Web services are a convenient way of using software because it frees the user from any installation hassles. A web UI is usually available for easy usage, at the cost of losing the possibility to automate a workflow. Fortunately, the number of web services that provide an API for automated access has been increasing. Some examples in the field of Computer Aided Drug Design include:

- ChEMBL
- RCSB PDB
- KLIFS
- Proteins.plus
- SwissDock

In this notebook, you will learn how to programmatically use online web-services from Python, always in the context of drug design. The end goal will be to build a full pipeline that exclusively relies on web-services, (almost) without any local execution!

__Note__: For simplicity, the practical aspects of this lesson will be divided in three notebooks:

- 11a. Querying KLIFS & PubChem for potential kinase inhibitors
- 11b. Docking the candidates against the target obtained in 11a
- 11c. Assessing the results and comparing against known data

## Learning goals

### Theory

- Types of programmatic access to web services in Python


## References

Pending.

***


## Theory

### Types of programmatic access

#### Programmatic APIs

Modern webservices are able to provide standardized ways to access their data, especially when it comes to databases. This usually means that you can access a specific URL in their site to request results that are __machine readable__.

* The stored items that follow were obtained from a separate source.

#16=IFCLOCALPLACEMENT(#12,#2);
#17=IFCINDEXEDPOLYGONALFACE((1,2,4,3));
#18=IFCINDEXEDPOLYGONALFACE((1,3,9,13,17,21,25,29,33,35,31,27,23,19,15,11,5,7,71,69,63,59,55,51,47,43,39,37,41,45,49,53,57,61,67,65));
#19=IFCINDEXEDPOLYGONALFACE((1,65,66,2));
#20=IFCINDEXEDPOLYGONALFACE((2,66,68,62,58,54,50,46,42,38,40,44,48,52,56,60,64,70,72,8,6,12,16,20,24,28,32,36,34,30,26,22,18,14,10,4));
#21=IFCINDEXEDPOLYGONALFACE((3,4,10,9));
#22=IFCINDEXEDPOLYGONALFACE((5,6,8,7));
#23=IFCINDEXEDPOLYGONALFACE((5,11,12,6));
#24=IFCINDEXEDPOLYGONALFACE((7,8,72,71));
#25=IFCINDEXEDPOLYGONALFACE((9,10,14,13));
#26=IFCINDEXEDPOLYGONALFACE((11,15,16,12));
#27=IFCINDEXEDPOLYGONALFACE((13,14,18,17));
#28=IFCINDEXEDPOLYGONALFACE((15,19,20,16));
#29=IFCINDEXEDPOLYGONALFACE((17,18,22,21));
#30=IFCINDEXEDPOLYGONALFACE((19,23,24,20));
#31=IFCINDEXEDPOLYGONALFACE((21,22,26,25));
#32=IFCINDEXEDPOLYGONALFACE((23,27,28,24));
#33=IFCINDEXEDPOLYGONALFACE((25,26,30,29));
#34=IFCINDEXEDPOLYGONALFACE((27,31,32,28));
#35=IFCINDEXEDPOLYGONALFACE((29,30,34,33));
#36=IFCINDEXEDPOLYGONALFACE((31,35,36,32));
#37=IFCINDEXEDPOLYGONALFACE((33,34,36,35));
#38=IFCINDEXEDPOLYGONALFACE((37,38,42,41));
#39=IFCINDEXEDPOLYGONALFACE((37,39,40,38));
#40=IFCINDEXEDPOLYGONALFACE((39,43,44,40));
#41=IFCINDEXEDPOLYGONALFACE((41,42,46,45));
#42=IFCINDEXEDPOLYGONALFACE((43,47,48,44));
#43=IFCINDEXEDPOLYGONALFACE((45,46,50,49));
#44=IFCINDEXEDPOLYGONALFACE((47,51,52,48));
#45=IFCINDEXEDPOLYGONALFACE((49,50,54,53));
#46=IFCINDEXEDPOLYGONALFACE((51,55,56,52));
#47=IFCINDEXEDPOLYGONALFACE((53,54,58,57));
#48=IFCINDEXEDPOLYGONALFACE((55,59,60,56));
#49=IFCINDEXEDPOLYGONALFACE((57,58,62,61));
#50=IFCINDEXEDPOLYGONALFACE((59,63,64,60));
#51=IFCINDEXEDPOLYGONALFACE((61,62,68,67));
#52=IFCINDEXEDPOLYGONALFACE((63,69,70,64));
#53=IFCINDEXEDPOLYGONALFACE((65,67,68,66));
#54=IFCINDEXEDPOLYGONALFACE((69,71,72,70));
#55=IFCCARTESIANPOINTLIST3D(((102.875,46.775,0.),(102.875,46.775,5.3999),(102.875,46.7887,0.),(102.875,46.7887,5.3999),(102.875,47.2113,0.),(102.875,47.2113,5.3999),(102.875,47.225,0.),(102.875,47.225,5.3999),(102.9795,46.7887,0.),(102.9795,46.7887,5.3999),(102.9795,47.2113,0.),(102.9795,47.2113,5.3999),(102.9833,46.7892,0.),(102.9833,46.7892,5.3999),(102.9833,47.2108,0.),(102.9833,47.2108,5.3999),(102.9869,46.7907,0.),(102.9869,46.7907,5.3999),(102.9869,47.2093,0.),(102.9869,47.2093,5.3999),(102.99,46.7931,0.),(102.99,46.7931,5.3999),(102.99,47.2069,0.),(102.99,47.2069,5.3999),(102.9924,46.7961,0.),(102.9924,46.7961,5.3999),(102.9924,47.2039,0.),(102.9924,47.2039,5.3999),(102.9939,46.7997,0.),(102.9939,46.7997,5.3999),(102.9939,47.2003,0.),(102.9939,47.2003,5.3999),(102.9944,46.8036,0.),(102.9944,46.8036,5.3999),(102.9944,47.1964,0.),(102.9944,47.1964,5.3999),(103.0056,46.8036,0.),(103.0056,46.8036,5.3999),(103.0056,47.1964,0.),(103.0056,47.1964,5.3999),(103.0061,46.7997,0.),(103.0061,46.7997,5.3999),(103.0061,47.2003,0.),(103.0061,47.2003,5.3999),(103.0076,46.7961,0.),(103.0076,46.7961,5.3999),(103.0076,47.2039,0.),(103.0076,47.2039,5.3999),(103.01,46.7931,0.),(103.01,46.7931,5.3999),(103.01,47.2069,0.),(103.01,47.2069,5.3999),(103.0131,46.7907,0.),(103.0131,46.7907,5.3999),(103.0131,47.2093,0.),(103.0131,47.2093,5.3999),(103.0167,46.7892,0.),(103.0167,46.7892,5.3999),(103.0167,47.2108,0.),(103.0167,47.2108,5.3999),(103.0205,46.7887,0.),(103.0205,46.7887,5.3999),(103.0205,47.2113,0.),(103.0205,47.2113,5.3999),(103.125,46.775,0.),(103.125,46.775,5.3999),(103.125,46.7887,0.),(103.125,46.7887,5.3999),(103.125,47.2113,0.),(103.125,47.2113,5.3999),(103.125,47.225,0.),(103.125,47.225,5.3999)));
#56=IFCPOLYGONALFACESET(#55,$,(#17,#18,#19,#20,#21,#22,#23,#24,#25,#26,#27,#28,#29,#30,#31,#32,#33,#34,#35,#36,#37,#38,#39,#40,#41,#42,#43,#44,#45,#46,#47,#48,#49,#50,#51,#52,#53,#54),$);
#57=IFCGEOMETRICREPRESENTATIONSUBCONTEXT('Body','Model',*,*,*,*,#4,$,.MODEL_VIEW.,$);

For example, [UniProt](https://www.uniprot.org/) is a database for all types of information concerning proteins. If you look for a specific protein, like `Src` (involved in cancer), you will arrive at [this beautiful webpage](https://www.uniprot.org/uniprot/P12931) with well organized content sections. If you add `.fasta` to the URL, however, you will obtain the protein sequence in `FASTA` format.

```
https://www.uniprot.org/uniprot/P12931 -> https://www.uniprot.org/uniprot/P12931.fasta
---

>sp|P12931|SRC_HUMAN Proto-oncogene tyrosine-protein kinase Src OS=Homo sapiens OX=9606 GN=SRC PE=1 SV=3
MGSNKSKPKDASQRRRSLEPAENVHGAGGGAFPASQTPSKPASADGHRGPSAAFAPAAAE
PKLFGGFNSSDTVTSPQRAGPLAGGVTTFVALYDYESRTETDLSFKKGERLQIVNNTEGD
WWLAHSLSTGQTGYIPSNYVAPSDSIQAEEWYFGKITRRESERLLLNAENPRGTFLVRES
ETTKGAYCLSVSDFDNAKGLNVKHYKIRKLDSGGFYITSRTQFNSLQQLVAYYSKHADGL
CHRLTTVCPTSKPQTQGLAKDAWEIPRESLRLEVKLGQGCFGEVWMGTWNGTTRVAIKTL
KPGTMSPEAFLQEAQVMKKLRHEKLVQLYAVVSEEPIYIVTEYMSKGSLLDFLKGETGKY
LRLPQLVDMAAQIASGMAYVERMNYVHRDLRAANILVGENLVCKVADFGLARLIEDNEYT
ARQGAKFPIKWTAPEAALYGRFTIKSDVWSFGILLTELTTKGRVPYPGMVNREVLDQVER
GYRMPCPPECPESLHDLMCQCWRKEPEERPTFEYLQAFLEDYFTSTEPQYQPGENL

```

This is a way to provide programmatic access to a webservice: through specific URL schemes. However, each webservice would have to come up with their own scheme, which will force the developers to implement their scripts on a case-by-case basis.

Fortunately, there are some standardized ways to provide this kind of programmatic access:

- HTTP-based RESTful APIs ([wiki](https://en.wikipedia.org/wiki/Representational_state_transfer#Applied_to_Web_services))
- GraphQL
- SOAP
- gRPC

In this talktorial, we will only use REST and SOAP APIs.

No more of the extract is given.